# Need help deciding how to correct broken irrigation



## Bermuda_Triangle (Sep 20, 2019)

I am told irrigation is run throughout 20,000+ sq/ft of the yard. I have 7x zones but have only been able to find 4 of the zone boxes that are not centralized and scattered across the property. I am on septic and the leach field covers 50%+ of the front yard. Power, water, and gas are all at different areas of the yard. The septic system and pump is run at the side of the yard and the power for the pump is not buried deeply. All of this to say I do not feel confident in running a trencher and making a mistake that could cost me a couple thousand.

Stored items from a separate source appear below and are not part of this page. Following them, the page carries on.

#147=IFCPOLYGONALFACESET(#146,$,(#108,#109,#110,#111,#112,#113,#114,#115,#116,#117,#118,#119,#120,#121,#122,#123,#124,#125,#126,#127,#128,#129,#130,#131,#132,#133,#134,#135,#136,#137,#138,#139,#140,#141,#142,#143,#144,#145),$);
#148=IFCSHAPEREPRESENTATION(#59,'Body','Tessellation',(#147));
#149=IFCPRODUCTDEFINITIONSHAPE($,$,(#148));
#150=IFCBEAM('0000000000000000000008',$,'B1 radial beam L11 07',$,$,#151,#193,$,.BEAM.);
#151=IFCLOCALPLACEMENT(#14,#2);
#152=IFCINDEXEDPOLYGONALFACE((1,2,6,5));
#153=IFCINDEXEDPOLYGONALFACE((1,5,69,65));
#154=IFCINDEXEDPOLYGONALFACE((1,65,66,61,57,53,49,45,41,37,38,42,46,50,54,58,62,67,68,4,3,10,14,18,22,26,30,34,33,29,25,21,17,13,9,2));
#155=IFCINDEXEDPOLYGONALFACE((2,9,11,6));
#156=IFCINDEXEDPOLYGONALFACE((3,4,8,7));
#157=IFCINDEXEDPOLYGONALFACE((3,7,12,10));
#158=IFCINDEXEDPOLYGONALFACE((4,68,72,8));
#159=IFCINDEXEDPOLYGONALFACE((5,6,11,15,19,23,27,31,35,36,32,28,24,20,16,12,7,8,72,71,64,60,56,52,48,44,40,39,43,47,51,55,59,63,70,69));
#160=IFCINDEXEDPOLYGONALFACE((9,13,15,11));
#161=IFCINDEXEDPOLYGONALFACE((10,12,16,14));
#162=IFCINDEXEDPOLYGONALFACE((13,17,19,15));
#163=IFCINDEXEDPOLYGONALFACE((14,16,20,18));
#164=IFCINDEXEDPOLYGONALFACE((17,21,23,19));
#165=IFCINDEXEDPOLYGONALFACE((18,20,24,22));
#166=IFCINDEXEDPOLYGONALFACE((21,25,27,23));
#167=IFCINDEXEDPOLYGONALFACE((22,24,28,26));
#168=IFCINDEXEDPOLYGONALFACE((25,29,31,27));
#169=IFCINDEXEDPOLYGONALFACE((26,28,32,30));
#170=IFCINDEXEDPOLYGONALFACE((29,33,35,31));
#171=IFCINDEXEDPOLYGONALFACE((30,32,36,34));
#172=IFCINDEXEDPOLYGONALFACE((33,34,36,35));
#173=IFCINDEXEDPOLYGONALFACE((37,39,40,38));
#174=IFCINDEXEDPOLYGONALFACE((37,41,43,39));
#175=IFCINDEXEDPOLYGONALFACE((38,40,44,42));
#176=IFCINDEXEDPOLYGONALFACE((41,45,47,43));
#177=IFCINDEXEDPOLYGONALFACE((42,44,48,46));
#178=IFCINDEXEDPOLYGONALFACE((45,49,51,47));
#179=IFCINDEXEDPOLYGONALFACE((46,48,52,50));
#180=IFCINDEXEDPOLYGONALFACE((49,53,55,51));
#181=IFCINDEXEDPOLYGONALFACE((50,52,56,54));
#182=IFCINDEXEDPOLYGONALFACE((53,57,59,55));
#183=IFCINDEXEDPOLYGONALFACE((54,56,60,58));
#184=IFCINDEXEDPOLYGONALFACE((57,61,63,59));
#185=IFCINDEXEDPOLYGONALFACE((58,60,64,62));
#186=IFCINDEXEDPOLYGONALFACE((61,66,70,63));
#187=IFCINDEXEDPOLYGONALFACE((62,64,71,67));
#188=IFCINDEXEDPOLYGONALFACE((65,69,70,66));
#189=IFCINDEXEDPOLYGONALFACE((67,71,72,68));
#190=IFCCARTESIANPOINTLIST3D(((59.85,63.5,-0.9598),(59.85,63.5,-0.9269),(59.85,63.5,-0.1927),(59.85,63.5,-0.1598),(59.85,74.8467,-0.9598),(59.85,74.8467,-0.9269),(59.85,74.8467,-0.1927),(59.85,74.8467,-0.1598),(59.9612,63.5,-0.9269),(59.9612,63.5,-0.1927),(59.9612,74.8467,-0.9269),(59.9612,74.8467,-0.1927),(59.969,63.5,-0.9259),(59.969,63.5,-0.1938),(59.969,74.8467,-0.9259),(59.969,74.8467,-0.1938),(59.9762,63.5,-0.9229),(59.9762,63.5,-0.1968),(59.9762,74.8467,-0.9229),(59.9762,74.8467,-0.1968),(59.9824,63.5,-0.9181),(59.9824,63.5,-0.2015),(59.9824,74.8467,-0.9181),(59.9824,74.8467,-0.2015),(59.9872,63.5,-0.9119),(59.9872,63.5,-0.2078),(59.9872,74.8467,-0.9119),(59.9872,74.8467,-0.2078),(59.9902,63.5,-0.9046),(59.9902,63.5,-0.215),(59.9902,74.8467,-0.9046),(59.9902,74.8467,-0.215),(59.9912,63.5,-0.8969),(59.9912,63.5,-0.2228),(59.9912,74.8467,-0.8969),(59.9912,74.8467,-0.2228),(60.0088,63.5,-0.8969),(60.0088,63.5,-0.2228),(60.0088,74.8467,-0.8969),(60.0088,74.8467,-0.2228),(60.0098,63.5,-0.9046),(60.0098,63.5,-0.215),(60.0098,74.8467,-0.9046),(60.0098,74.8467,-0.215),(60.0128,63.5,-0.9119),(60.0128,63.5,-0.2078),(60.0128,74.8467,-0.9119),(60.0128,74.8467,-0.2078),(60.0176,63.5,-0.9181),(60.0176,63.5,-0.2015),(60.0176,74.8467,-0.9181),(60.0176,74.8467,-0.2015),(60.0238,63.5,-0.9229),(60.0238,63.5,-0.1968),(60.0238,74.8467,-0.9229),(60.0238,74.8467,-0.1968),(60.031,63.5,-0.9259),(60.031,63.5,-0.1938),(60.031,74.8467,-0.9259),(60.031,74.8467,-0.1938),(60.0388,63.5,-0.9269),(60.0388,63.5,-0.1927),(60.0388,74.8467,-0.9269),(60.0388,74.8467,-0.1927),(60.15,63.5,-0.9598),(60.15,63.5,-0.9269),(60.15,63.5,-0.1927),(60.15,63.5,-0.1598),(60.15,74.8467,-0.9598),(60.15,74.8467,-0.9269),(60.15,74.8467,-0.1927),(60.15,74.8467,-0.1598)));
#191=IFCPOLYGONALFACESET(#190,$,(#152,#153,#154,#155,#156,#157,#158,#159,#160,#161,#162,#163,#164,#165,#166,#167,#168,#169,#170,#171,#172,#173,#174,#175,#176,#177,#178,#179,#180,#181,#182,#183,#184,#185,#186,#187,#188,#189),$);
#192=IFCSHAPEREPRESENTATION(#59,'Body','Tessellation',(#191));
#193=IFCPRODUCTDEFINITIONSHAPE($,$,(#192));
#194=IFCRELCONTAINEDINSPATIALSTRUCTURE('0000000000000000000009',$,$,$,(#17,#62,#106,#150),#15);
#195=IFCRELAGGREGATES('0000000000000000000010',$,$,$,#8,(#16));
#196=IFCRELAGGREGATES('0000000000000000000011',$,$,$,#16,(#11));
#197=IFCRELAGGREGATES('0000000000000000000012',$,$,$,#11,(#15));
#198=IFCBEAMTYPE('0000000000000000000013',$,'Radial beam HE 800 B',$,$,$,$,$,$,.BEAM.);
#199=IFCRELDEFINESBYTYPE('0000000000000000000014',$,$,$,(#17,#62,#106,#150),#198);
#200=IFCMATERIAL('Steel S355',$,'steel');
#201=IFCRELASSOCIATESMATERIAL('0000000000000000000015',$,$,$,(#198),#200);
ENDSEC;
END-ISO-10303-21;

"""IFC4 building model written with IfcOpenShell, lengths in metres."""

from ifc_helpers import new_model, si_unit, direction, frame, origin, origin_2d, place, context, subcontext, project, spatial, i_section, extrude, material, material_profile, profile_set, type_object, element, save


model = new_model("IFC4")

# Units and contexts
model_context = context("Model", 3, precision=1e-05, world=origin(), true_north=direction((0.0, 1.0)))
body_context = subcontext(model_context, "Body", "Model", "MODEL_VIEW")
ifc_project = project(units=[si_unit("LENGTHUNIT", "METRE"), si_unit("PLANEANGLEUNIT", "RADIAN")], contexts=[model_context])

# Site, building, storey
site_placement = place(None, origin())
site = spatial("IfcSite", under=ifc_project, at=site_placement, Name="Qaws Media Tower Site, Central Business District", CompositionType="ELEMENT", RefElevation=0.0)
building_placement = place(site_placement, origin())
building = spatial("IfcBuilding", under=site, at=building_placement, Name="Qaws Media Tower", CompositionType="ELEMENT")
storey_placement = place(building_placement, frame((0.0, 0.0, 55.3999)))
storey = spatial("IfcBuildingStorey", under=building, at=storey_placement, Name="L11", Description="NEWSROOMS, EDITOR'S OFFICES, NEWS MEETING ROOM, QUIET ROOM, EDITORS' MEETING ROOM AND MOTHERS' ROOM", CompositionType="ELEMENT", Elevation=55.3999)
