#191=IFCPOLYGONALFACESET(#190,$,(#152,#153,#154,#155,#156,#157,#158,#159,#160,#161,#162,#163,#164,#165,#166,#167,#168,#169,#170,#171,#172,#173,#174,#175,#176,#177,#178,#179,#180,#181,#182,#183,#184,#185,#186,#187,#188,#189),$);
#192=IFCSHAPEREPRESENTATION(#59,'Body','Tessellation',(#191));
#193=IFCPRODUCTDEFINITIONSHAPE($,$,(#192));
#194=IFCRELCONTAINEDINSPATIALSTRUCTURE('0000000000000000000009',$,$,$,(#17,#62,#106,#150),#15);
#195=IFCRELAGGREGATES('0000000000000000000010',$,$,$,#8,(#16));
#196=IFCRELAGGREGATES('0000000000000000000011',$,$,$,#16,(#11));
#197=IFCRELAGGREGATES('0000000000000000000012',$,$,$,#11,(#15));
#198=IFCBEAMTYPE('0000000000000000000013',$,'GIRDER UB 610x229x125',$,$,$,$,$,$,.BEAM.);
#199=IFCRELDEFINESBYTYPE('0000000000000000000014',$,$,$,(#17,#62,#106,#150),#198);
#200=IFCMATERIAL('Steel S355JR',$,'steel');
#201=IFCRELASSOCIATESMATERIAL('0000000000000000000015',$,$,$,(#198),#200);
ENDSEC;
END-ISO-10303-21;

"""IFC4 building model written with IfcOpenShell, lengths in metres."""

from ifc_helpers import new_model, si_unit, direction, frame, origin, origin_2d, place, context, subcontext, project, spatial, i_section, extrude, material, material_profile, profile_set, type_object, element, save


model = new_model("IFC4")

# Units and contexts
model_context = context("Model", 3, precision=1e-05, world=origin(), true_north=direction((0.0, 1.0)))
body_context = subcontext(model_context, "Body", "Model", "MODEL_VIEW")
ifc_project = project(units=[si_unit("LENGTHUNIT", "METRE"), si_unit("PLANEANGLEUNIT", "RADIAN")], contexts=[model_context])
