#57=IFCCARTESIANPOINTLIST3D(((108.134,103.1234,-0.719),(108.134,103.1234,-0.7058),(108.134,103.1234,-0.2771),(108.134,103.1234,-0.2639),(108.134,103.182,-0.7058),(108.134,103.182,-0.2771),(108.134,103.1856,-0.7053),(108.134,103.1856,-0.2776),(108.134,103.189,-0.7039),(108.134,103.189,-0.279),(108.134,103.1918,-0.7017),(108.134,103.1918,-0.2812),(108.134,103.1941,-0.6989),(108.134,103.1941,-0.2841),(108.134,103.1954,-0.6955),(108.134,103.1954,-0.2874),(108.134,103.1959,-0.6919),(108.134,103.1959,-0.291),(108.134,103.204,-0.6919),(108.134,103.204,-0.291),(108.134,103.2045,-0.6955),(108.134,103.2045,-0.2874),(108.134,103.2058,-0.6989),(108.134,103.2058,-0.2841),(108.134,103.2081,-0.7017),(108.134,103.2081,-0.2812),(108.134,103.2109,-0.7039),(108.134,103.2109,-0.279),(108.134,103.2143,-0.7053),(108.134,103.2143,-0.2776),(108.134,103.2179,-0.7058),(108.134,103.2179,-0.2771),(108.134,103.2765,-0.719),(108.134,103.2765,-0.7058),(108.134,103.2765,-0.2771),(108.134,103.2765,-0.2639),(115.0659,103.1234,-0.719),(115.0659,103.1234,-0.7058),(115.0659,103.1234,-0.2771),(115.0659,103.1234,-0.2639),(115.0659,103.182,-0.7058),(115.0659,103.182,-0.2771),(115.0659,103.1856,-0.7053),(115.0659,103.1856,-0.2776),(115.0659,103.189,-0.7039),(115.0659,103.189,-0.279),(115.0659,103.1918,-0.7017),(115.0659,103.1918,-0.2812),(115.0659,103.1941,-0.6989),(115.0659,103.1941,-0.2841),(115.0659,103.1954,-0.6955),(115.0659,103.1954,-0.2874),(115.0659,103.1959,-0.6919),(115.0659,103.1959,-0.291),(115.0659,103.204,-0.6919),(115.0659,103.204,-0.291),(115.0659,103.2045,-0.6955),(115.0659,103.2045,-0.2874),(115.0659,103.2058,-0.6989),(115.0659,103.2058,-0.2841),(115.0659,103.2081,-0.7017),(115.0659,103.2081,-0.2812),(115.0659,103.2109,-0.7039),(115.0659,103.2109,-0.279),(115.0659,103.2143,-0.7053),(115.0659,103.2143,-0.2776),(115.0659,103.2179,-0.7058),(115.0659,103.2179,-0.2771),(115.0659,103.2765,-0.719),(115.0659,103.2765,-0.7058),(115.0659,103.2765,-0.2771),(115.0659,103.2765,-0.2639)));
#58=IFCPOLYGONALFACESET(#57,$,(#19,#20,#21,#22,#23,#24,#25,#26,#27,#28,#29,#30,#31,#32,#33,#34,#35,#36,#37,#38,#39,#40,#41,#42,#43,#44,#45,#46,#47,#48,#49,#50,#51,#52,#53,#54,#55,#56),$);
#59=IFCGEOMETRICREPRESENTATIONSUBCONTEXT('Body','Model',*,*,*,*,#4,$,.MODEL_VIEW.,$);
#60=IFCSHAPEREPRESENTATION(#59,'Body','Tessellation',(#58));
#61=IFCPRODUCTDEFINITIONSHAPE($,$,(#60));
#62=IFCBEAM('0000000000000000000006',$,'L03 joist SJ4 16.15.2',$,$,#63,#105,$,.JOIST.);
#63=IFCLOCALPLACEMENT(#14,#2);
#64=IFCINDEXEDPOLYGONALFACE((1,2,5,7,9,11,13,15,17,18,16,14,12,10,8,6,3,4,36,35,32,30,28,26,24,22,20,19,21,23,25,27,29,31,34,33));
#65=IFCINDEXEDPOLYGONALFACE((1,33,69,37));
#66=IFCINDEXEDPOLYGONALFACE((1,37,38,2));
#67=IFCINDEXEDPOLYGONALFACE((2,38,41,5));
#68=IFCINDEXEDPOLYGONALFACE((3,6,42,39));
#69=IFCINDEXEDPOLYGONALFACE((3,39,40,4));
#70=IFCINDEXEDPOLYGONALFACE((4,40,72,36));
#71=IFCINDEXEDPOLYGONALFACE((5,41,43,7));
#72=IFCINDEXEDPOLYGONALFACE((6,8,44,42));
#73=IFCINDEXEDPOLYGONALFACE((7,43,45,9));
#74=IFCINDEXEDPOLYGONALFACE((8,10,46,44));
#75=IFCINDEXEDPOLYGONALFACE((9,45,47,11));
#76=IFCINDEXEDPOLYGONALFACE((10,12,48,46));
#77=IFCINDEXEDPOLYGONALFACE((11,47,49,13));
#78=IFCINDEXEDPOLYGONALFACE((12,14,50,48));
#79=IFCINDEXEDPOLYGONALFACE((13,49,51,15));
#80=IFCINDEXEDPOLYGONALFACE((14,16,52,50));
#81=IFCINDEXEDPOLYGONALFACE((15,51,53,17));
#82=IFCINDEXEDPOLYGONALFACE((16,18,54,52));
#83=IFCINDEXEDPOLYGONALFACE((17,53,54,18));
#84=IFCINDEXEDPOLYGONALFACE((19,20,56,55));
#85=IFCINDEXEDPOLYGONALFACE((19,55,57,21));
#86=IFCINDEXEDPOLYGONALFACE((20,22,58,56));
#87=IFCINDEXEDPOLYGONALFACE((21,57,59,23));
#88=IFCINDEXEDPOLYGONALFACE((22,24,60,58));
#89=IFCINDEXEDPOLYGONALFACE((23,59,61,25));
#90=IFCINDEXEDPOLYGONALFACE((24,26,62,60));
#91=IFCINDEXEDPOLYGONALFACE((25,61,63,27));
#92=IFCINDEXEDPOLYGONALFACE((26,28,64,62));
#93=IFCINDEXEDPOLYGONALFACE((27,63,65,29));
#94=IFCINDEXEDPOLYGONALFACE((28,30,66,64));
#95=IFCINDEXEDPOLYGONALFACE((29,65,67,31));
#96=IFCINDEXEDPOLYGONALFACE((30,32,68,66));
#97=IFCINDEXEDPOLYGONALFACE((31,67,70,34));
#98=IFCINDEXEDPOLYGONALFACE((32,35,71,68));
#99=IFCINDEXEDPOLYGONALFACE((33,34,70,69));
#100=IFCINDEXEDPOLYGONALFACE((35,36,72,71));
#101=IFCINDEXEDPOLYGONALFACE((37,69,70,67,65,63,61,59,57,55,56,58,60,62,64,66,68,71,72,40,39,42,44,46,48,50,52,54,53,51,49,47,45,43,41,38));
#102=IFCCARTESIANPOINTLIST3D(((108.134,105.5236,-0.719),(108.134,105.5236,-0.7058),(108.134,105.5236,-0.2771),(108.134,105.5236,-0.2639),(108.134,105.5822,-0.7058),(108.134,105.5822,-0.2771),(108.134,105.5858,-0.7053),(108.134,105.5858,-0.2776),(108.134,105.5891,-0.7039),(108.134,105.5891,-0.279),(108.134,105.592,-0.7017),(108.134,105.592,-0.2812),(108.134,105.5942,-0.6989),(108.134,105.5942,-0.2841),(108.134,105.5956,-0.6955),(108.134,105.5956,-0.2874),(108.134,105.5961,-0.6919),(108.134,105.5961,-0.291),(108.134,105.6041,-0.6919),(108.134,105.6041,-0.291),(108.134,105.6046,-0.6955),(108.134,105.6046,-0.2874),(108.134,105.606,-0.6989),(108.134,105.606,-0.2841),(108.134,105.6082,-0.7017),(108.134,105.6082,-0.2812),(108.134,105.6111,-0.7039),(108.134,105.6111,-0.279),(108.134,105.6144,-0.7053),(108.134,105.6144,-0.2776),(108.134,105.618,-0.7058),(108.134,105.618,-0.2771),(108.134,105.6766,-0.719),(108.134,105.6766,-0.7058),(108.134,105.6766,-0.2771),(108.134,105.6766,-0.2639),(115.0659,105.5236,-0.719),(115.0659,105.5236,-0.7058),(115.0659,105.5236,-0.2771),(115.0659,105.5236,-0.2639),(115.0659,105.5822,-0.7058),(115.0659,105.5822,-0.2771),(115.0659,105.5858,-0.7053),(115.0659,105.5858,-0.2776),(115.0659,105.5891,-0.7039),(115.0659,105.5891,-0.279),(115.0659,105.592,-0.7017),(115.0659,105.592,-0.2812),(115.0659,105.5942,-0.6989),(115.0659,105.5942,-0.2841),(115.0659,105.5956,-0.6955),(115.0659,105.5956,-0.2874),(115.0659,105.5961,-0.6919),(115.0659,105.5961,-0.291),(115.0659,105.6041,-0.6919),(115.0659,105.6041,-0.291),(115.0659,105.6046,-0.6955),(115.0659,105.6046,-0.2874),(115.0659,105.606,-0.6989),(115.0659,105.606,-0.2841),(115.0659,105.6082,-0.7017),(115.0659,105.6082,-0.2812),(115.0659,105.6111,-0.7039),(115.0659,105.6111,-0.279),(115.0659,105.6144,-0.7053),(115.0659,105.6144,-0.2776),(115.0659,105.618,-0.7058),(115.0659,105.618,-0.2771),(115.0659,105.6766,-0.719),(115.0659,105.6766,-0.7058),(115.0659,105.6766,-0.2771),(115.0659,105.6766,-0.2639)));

Last year I redid a portion of the plumbing near the main supply line. I put in shutoff valves and regulators just behind the main and they are easily accessible.

When I initiate running the zones only three of them are easily identifiable. The other four I have no idea where the heads are located; my best guess is buried under mulch or topsoil.

At this point I feel I have one of two choices:
1. scrap the current system and design an all new system. 
2. start at the main irrigation line, dig, and trace everything down.

I have already exceeded my lawn budget for this year and I am ok with waiting until next year to tackle this project. I am working from home so I do have time to invest in tracking down portions of the system. My only concern is spending so much time correcting issues I do not want to lose most of the progress I have gained in getting my lawn healthy again.

Sorry if this is not 100% cohesive... writing on mobile and dog tired today.

FYI, I do have a Rachio that is 16 zones capable. I will upload a topography map in a few hours. The irrigation is not buried very deep: some areas around 6" and some less than an inch under the topsoil. No matter what I will need to rebuild large portions of the system. The main zone in the front has heads that are spaced from 19' to 33' apart which do not come remotely close to head to head coverage.

Have you ever found ground radar equipment for rental? I would like to track down as much of the installation as possible.


----------



## Utk03analyst (Jun 8, 2019)

To your last point I'm not sure you can rent the radar equipment. It may be cheaper to pay an irrigation company to do it versus renting or buying the tool. Have you checked the wires feeding into the controller to ensure you get the correct ohm readings?

Due to the size of your property it may be time consuming to find it all and I've never tried it but because the valves have metal screws I'm not sure if you can at least find your valves with a metal detector but it may be worth a try and then you can see if you are at least getting water to the valves.


----------